To start, let's load the packages we'll use and set a seed for simulation:

library(data.table)
library(sl3)
library(tmle3)
library(tmle3mopttx)
library(devtools)
set.seed(111)

Data and Notation

Suppose we observe $n$ i.i.d. observations of $O=(W,A,Y) \sim P_0$. We denote $A$ as treatment, where $A \in {0,1}$ and $Y$ is the final outcome. Note that we treat $W$ as all of our collected baseline covariates. We emphasize that we make no assumptions about the distribution of $P_0$, so that $P_0 \in \mathcal{M}$, where $\mathcal{M}$ is the fully nonparametric model. This is in contrast to much of the current literature that relies on parametric assumptions. We can break the data generating distribution $P_0$ into the following parts:

$$P_0(O) = P_0(Y|A,W)P_0(A|W)P_0(W) = Q_0(Y|A,W)g_0(A|W)Q_{W,0}(W)$$ In addition, we also define $\bar{Q}{Y,0}(A,W) \equiv E_0[Y|A,W]$ such that $E_0(Y_a) = E{0,W}(\bar{Q}_{Y,0}(A=a,W))$.

Simulated Data

First, we load the simulated data. Here, our data generating distribution was of the following form:

$$W \sim \mathcal{N}(\bf{0},I_{3 \times 3})$$ $$P(A=1|W) = \frac{1}{1+\exp^{(-0.8*W_1)}}$$

$$P(Y=1|A,W) = 0.5\text{logit}^{-1}[-5I(A=1)(W_1-0.5)+5I(A=0)(W_1-0.5)] + 0.5\text{logit}^{-1}(W_2W_3)$$

data("data_bin")

The above composes our observed data structure $O = (W, A, Y)$. Note that the mean under the true optimal rule is $\psi=0.578$.

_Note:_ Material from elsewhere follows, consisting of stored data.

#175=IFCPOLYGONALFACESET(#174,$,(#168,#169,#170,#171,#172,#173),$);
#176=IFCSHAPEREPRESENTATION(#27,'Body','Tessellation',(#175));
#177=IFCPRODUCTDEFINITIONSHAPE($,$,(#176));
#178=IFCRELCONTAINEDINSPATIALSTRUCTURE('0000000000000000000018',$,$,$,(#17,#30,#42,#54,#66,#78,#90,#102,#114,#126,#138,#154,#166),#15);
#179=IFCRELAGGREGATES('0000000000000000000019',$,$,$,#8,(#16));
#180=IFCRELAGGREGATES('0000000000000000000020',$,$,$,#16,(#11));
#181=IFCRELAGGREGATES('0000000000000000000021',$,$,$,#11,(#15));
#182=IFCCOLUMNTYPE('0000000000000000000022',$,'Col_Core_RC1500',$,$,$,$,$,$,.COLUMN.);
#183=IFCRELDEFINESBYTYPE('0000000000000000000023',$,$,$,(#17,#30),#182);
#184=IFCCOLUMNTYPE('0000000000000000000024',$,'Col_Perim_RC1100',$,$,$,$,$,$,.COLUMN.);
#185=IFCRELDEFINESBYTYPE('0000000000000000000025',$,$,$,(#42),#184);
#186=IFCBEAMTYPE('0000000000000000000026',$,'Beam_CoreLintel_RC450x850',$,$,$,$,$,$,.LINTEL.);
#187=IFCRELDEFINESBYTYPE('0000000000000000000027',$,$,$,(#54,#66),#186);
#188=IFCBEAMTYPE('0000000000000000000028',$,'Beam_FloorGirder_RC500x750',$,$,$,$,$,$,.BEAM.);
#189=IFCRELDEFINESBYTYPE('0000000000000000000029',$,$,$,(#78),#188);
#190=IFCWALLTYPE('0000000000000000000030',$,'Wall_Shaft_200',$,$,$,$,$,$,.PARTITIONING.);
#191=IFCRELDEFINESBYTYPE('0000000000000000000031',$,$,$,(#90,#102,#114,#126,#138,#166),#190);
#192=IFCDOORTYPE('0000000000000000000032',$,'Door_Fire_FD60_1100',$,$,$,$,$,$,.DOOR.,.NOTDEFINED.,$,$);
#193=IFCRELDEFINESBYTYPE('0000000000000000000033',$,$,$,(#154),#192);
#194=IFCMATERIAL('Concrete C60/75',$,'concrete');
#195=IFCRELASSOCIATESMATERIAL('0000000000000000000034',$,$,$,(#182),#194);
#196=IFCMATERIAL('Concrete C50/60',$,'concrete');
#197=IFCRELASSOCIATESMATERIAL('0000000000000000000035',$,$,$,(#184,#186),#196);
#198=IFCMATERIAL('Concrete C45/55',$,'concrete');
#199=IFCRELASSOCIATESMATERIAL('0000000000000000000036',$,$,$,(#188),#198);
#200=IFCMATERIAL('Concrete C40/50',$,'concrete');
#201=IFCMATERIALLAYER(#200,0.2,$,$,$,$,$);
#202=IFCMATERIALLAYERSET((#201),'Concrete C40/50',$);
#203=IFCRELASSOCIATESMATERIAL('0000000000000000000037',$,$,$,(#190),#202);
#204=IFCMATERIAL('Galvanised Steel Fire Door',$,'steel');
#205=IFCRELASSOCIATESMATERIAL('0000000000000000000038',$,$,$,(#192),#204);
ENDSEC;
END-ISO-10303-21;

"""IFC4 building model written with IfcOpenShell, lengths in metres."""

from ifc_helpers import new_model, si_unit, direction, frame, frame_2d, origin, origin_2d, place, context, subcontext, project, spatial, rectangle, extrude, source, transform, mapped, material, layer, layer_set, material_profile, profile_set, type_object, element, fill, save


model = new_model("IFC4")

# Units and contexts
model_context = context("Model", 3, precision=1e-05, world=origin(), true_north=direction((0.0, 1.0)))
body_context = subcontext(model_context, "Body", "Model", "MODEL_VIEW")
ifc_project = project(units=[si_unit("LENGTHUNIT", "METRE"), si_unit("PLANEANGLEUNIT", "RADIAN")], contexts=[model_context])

To formally express this fact using the tlverse grammar introduced by the tmle3 package. We create a single data object and specify the functional relationships between the nodes in the directed acyclic graph (DAG) via nonparametric structural equation models (NPSEMs), reflected in the node list that we set up as:

# organize data and nodes for tmle3
data <- data_bin
node_list <- list(
  W = c("W1", "W2", "W3"),
  A = "A",
  Y = "Y"
)

We now have an observed data structure (data) and a specification of the role that each variable in the data set plays as the nodes in a DAG.


Methodology

Many methods for learning the optimal rule from data have been developed. Here, we focus on the methods developed in @luedtke2016super and @vanderLaanLuedtke15; however tmle3mopttx also supports the widely used Q-learning approach (for a single time point, aka G-comp), based on generating an estimate of $\bar{Q}_{Y,0}(A,W)$ @Sutton1998. We cover how to use the Q-learning approach in the later implementation of the vignette. Here, we focus on the methodology outlined in @luedtke2016super and @vanderLaanLuedtke15, where we learn the optimal ITR using Super Learner @vdl2007super, and estimate its value using the cross-validated Targeted Minimum Loss-based Estimation (CV-TMLE) @cvtmle2010. Luedtke and van der Laan present three different approaches for learning the optimal rule, but tmle3mopttx relies on using the Super Learner to estimate the blip function (or "pseudo-blip" for categorical treatment).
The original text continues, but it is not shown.